Today’s Bad Heavy Vinyl Pressing Is… Aqualung!

More of the Music of Jethro Tull

Reviews and Commentaries for Aqualung

An Audiophile Hall of Shame pressing and another Classic Records Rock LP badly mastered for the benefit of audiophiles looking for easy answers and quick fixes.

By the time the guitars at the end of the title track fade out you will be ready to take your heavy vinyl Classic Record pressing and ceremoniously drop it in a trashcan. (Actually, the best use for it is to demonstrate to your skeptical audiophile friends that no heavy vinyl pressing can begin to compete with a Hot Stamper from Better Records. Not in a million years.)

We Was Wrong on All Counts

Over the course of the last 25 years we was wrong three ways from Sunday about our down-and-out friend Aqualung here.

We originally liked the MoFi from the early ’80s. Wrong. Proof positive that In the early ’80s I didn’t have good reproduction or know much about records, but I sure thought I did!

When the DCC 180g came along in 1997 we liked that one better. Wrong again. It didn’t have MoFi’s usual midrange suckout and sloppy bass, but it was bad in so many other ways that it is hard for me to believe I ever liked it. But I did, to some degree anyway.

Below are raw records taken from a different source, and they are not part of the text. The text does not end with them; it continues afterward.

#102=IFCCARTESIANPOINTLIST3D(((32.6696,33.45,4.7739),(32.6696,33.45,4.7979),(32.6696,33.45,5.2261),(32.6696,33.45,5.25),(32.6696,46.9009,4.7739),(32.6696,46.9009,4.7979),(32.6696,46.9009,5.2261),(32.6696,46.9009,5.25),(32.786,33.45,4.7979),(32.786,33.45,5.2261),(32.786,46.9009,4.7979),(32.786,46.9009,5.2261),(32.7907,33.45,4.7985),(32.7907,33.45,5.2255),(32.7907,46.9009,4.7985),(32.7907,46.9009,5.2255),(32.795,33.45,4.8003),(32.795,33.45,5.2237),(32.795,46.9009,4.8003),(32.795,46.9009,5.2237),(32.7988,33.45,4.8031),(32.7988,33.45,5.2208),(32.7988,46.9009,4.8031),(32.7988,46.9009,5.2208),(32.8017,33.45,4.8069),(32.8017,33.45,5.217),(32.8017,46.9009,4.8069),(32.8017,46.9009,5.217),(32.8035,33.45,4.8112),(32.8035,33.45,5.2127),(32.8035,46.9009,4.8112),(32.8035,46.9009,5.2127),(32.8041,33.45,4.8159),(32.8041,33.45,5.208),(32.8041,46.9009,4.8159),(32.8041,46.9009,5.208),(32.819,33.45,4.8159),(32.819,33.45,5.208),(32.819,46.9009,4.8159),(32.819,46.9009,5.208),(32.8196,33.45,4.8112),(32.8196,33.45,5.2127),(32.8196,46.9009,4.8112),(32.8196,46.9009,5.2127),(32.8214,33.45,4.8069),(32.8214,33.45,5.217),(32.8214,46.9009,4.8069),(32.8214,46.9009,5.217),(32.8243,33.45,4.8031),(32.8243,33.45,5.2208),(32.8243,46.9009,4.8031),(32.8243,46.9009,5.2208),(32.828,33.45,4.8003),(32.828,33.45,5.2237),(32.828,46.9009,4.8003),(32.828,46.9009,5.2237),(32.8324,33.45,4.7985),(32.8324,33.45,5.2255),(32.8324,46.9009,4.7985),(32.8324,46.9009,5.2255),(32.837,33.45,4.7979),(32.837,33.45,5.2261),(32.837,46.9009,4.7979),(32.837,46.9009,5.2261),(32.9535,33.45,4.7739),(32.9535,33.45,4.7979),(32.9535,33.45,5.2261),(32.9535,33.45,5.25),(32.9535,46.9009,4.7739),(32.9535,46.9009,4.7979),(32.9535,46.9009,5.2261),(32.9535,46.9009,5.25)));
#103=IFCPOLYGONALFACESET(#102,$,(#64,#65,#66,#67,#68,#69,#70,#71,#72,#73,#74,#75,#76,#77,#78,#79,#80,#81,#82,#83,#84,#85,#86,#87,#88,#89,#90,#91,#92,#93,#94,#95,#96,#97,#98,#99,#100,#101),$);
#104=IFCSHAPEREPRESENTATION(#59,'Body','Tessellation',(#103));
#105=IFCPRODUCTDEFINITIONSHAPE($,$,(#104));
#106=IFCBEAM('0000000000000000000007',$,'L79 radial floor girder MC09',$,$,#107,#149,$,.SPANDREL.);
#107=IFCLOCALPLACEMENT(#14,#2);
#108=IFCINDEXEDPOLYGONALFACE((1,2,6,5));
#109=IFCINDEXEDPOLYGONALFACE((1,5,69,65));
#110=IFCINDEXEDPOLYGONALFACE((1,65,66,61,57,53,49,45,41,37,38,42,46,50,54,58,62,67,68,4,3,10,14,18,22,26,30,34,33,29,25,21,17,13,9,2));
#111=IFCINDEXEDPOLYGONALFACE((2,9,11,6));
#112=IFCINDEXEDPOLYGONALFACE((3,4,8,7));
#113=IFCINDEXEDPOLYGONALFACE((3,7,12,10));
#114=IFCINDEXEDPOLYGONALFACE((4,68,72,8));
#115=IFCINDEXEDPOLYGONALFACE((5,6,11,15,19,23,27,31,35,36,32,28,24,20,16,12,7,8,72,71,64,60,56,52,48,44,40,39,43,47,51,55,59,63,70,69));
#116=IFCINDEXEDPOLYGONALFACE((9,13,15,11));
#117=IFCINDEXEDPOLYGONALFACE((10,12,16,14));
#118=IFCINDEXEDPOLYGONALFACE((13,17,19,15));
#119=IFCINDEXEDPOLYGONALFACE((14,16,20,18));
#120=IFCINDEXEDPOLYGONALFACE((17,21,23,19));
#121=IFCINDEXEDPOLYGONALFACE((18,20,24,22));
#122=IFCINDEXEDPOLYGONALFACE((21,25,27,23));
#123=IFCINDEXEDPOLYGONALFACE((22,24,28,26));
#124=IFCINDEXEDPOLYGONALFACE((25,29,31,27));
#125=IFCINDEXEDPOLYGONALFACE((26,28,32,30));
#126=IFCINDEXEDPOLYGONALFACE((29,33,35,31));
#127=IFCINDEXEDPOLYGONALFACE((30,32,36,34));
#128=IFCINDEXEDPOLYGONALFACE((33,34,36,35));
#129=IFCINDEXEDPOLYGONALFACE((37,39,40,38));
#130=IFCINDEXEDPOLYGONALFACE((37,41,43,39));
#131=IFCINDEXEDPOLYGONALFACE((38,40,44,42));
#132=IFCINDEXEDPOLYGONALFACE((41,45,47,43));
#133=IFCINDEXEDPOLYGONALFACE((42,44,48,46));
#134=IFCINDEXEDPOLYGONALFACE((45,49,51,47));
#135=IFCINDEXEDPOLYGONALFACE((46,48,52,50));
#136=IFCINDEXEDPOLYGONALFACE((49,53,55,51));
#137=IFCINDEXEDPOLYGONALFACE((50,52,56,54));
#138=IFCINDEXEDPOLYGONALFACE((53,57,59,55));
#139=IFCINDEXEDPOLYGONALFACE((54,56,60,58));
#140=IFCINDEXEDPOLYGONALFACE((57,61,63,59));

Back then I was a DCC believer, a mistake I would come to recognize once a few more years had passed. See here and here.

And a few years back I was briefly enamored with some original British imports. Wrong for the third time.

After playing more than two dozen pressings of Aqualung in our recent [circa 2010] shootout, it’s pretty clear that the right early Reprise pressings KILL any and all contenders. Forget all the Green Label Chrysalis pressings. Forget the reissues. Forget the imports. It’s original domestic Reprise or nothing when it comes to Aqualung.

More Classic bashing? Of course! We take them to task at every turn when the opportunity presents itself — but not out of spite or vindictiveness (moi?!). We do it for the purest of reasons: as a service to you, dear customer. Where else can you turn for the straight scoop?

And unlike the reviewers, the forum posters and the audiophile man in the street, we offer more than just opinion. We offer the record that proves our case. If your pockets are deep enough, we will happily show you the difference between The Real Thing and The New Wannabe.

The Classic — 200 Grams Aren’t Enough to Hold the Whomp?

Is the New Classic really all that bad? Not at all; it’s actually pretty good for a Heavy Vinyl reissue, considering how dreadful most of them are. It’s tonally correct from top to bottom, with almost none of the boosted upper midrange vocal presence we have come to expect from Classic Records — the bad EQ that ruins so many great Zep albums for example.

But it suffers from problems endemic to these modern remasterings, released on practically any label you care to name:

The lack of resolution is of course the most obvious. So many fine instrumental details simply go missing on most of these new pressings. The subtle harmonics of the gently strummed acoustic guitar at the opening of My God. The air in Anderson’s flute throughout the album. The snap to Bunker’s snare.

And how about all the fuzz on Martin Barre‘s fuzzed out guitar on the song Aqualung? Sure, there’s guitar fuzz on the Classic, but there’s SO MUCH MORE on the real thing. When you hear it right, the sound of that guitar makes you really sit up and take notice of how amazing Barre’s solos are. The guy is criminally underrated as both an innovator and technically accomplished guitarist.

The distortion is perfection and so is the playing. This is what a Hot Stamper is all about: more life, more energy, more character to the music, all brought about by better sound.

That Aqualung Feeling

The Classic is not a bad record. But it can’t ROCK. It lacks whomp. It’s clean and clear; it’s made from the real tape, of that I have no doubt.

Without real weight from about a hundred cycles down, the kind found only on the real thing (domestic, by the way; no import had it, a somewhat shocking finding), no matter how loud you play the new one, you can’t get that Aqualung feeling, the one you had when you first heard this music blasting out of your car radio or from your old JBLs.

The music simply has no POWER on the new Classic.

I have to admit I liked it at first. I didn’t hear anything wrong with it. It was only when I started pulling out the good originals that it became clear what was missing. Most audiophiles will find the Classic acceptable for this very reason: they have nothing better to compare it to.

The MOFI is a disaster, with the murky, bloated DCC even worse. The original Brits we played were pretty hopeless too: tubey magical but midrangy, bass-shy and compressed.

A tough nut to crack?

Nope, just another day’s work at Better Records once we had put in the 30 years it took to research the available pressing options.